Él hizo un gesto afirmativo.

—¿Cuándo estarán listos? Debería encajarlos en mi programación.

—Solo queda uno. El caso XI. Lo tendré en breve.

—En contacto con el otro lado —murmuró Anna—, el último programa del rey de la televisión basura: Raúl Domínguez.

—¿Lo has visto?

—No, no soporto a ese tipo. Sería capaz de subastar órganos humanos en directo si eso le diera audiencia. ¿Cómo es el programa?

—Llena el plató de gente. Luego presenta a un médium. Este escoge a algunos de los presentes para comunicarse con sus amigos o familiares fallecidos. Ya sabes cómo funcionan esos individuos: dejan hablar, usan la lógica, interpretan el lenguaje gestual y deducen. Aunque a veces se luce, informando sobre algo que era imposible que supiera. Eso suele dejar atónitos a los elegidos, que afirman con un hilo de voz… Ese detalle solo lo conocíamos la muerta y yo… Entonces el público aplaude enfebrecido.

—Puedo imaginarlo.

—Si el atrezo es adecuado nos creemos cualquier cosa. En contacto con el otro lado es un fraude de cabo a rabo. Usan un montón de artimañas. Seleccionan cuidadosamente a los asistentes, infiltran a miembros del equipo entre estos, esconden micrófonos por todas partes y los puntos geniales del médium se deben a investigaciones previas: incluso rastrean las necrológicas en los periódicos. Además, como el programa se emite en diferido, a lo largo del montaje pueden eliminar las situaciones incómodas que se produzcan.

—Me imagino que los cabos están bien atados.

—Desde luego.

Anna asintió. Jon cubría bien los flancos y no efectuaba afirmaciones que no estuvieran sólidamente respaldadas por pruebas, lo cual reducía casi hasta cero las posibilidades de que Péndulo acabara imputada como responsable subsidiaria en un proceso por difamación.

—No me convence la extensión. Proyecto XI es demasiado largo. Nuestros números son mensuales. Publicando los reportajes a razón de uno por mes acabaríamos dedicándole casi un año. Péndulo toca asuntos de actualidad, y eso nos acercaría al formato de una revista temática.

Él había previsto esta contingencia.

—Lo sé. Pero no puedo dar el tratamiento que merece un campo tan extenso utilizando menos espacio. Mi propuesta es que aparezcan en la tirada habitual de Péndulo cinco reportajes. Y después puedes poner a la venta, junto al último ejemplar, un libro que los contenga a todos. A un precio diferente, por supuesto.

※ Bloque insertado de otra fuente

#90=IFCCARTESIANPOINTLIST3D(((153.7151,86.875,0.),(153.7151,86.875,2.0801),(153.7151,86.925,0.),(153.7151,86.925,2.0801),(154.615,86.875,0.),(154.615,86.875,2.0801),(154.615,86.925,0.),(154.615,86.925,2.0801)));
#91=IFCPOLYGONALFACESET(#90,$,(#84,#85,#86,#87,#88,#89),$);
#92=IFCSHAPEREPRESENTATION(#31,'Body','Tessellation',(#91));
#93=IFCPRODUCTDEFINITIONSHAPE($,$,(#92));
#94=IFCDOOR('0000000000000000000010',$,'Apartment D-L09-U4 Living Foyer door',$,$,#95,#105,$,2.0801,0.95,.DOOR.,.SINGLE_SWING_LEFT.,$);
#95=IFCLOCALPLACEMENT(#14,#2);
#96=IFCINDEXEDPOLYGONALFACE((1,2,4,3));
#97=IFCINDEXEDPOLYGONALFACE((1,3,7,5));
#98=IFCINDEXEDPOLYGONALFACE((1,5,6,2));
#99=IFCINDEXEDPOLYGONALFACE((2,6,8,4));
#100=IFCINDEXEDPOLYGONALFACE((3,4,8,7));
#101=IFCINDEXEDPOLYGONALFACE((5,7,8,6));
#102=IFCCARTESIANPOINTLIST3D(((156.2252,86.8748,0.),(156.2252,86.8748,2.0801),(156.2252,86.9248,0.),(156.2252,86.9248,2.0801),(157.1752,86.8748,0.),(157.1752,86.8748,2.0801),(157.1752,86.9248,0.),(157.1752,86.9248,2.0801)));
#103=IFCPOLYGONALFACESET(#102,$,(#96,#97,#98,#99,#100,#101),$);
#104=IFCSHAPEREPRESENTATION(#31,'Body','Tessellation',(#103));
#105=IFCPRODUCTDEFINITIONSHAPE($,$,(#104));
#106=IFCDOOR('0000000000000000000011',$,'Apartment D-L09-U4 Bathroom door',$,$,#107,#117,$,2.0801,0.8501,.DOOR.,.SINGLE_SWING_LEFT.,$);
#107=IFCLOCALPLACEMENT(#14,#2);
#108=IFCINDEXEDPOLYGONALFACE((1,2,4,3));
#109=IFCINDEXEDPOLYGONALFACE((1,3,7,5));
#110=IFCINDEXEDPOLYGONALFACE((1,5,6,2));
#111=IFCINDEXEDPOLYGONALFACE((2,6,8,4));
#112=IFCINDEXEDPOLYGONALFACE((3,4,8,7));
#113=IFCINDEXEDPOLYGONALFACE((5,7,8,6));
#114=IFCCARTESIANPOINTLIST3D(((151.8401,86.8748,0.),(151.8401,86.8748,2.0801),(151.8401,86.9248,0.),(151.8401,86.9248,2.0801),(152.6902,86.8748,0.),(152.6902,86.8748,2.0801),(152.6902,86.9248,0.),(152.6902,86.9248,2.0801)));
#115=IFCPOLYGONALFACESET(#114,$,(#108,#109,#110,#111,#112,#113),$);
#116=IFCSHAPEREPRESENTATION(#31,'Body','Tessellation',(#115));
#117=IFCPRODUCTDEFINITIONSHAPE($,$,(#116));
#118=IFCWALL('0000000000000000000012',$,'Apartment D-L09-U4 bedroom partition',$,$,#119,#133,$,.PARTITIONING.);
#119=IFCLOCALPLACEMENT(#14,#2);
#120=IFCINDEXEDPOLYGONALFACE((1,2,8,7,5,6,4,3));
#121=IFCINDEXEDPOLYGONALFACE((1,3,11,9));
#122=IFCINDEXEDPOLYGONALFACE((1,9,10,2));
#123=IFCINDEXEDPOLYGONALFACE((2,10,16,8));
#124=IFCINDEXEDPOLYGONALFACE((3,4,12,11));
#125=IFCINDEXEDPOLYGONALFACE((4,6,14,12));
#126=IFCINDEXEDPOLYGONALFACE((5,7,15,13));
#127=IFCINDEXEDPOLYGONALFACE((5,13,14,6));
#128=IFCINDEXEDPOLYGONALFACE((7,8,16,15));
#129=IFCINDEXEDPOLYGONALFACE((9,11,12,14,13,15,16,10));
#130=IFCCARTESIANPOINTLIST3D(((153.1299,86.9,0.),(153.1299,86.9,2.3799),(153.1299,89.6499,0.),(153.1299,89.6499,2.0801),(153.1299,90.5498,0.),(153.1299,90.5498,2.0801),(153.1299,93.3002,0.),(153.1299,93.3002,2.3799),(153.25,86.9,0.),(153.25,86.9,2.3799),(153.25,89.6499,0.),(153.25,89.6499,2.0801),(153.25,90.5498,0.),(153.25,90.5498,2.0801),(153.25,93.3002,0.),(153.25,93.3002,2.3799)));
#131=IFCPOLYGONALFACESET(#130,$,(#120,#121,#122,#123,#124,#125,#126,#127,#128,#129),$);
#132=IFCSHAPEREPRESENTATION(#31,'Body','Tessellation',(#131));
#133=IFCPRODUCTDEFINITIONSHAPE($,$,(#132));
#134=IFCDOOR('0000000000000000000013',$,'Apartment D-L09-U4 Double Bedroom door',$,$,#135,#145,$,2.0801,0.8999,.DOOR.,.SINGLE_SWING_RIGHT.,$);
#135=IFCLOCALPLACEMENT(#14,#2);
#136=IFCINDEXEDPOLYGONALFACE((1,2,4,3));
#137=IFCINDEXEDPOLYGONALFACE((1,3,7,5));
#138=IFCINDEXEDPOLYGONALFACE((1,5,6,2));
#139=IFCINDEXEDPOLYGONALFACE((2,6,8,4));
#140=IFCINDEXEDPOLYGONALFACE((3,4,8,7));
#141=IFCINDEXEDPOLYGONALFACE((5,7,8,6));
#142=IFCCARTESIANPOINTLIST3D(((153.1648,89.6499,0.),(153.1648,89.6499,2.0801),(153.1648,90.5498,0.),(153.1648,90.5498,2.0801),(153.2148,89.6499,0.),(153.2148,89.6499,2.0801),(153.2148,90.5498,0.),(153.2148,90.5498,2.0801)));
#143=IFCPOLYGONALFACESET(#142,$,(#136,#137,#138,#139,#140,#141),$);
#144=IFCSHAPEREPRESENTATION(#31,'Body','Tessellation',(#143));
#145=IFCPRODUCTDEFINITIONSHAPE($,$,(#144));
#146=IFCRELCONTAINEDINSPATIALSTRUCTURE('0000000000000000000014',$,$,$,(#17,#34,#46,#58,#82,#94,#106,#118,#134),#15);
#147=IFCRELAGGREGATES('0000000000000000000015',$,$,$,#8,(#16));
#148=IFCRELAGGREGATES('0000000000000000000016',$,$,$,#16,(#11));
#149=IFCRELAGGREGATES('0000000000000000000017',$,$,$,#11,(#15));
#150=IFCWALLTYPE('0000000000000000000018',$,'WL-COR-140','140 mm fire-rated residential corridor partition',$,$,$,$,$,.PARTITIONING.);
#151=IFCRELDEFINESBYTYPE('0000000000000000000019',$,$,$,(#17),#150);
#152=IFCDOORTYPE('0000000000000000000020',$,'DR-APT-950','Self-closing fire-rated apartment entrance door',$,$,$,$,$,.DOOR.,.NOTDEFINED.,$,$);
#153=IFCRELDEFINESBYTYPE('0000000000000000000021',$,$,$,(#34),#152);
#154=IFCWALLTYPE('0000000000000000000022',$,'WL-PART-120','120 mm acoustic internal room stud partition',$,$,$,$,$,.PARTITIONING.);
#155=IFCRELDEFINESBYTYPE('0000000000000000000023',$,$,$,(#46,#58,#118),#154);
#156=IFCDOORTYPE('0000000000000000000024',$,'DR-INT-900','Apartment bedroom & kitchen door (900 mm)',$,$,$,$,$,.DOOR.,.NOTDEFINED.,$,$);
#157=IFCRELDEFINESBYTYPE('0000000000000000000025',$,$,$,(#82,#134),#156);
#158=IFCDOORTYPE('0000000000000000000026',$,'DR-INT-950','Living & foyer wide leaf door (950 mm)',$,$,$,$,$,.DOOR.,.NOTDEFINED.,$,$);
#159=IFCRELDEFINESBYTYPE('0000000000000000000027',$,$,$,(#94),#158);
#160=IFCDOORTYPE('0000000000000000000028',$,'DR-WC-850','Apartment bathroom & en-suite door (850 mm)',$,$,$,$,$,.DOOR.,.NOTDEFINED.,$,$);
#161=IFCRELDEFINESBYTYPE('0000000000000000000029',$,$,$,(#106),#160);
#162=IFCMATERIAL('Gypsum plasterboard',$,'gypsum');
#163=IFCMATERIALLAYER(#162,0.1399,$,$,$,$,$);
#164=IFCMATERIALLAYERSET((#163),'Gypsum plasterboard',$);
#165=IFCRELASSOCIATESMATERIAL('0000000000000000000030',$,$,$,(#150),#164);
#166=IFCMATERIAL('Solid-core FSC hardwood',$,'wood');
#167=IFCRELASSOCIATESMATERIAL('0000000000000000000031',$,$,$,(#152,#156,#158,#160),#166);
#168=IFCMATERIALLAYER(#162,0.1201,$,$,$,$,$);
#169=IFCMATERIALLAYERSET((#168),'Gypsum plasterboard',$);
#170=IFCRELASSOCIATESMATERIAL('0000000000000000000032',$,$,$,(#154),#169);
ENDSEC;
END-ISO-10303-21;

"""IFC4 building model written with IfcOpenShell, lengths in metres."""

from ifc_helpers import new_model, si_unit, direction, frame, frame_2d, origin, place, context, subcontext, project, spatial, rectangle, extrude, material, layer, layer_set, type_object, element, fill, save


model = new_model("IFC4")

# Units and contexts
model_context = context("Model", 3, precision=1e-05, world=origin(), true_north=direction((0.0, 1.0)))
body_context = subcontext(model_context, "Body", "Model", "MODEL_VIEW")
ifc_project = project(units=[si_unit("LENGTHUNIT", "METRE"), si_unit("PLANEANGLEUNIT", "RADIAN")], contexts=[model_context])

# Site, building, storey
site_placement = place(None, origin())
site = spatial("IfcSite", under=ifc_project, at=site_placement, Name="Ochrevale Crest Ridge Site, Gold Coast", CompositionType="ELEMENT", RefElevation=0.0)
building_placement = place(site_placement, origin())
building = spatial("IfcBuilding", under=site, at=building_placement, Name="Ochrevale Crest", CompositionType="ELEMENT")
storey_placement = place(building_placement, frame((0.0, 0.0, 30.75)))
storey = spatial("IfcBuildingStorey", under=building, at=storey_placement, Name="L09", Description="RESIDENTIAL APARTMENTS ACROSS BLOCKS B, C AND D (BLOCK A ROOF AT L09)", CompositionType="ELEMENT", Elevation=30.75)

Anna permanecía recostada en su silla.

—¿Cómo has elegido los contenidos?

—Cada reportaje está dedicado a una… especialidad. Hemos seleccionado un acontecimiento representativo, señalado y aparentemente veraz de cada una de ellas.

—¿Hemos?

—El trabajo de búsqueda lo ha realizado Arácnida, la compañía de Víctor, basándose en parámetros que yo mismo he marcado.

Jon manifestó su desencanto levantando las palmas de las manos hacia arriba.

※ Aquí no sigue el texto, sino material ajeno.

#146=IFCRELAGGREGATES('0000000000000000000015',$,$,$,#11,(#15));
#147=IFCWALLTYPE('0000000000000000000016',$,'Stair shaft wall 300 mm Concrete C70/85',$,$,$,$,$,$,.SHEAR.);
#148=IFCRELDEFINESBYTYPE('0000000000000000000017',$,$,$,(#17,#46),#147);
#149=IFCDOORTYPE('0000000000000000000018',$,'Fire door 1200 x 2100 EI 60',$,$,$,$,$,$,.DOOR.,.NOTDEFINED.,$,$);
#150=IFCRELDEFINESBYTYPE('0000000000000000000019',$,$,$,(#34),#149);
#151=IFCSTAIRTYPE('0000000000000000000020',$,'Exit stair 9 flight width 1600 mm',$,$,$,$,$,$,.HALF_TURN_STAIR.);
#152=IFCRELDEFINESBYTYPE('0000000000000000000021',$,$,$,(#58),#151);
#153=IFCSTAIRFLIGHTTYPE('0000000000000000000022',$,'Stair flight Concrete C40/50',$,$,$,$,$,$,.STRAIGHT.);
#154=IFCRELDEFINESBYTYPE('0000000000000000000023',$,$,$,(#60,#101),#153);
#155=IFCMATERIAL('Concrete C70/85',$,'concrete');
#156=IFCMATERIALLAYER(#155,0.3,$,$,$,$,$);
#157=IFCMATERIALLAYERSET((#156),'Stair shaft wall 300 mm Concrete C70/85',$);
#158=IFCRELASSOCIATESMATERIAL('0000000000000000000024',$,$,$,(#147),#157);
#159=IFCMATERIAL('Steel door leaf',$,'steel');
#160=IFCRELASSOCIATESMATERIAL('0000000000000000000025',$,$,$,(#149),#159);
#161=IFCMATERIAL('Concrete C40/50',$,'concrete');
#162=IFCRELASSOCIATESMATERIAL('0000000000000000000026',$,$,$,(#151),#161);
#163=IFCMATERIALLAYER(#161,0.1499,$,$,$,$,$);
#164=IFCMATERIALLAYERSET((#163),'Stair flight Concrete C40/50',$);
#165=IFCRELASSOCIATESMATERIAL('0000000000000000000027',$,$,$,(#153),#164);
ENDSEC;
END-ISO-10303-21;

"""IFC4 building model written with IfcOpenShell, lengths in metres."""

—De la investigación posterior me he encargado personalmente. La conclusión ha sido siempre la misma: engaño con ánimo de lucro. El mundo del ocultismo y el Más Allá es una inmensa olla de grillos con un único denominador común: el fraude.

Ella frunció el ceño.

—Has dicho que falta uno. ¿Cuál?

—El caso XI. Corresponde a los diablos y sus adoradores. Es especialmente laborioso. Quiero dedicar ese reportaje a un asesinato ritual. Los chicos de Arácnida están estudiando los cometidos en las últimas décadas. La lista es interminable.

Anna consultó la hora en su reloj.

—Bien. Me gusta —concluyó—. Por parte de Péndulo, adelante.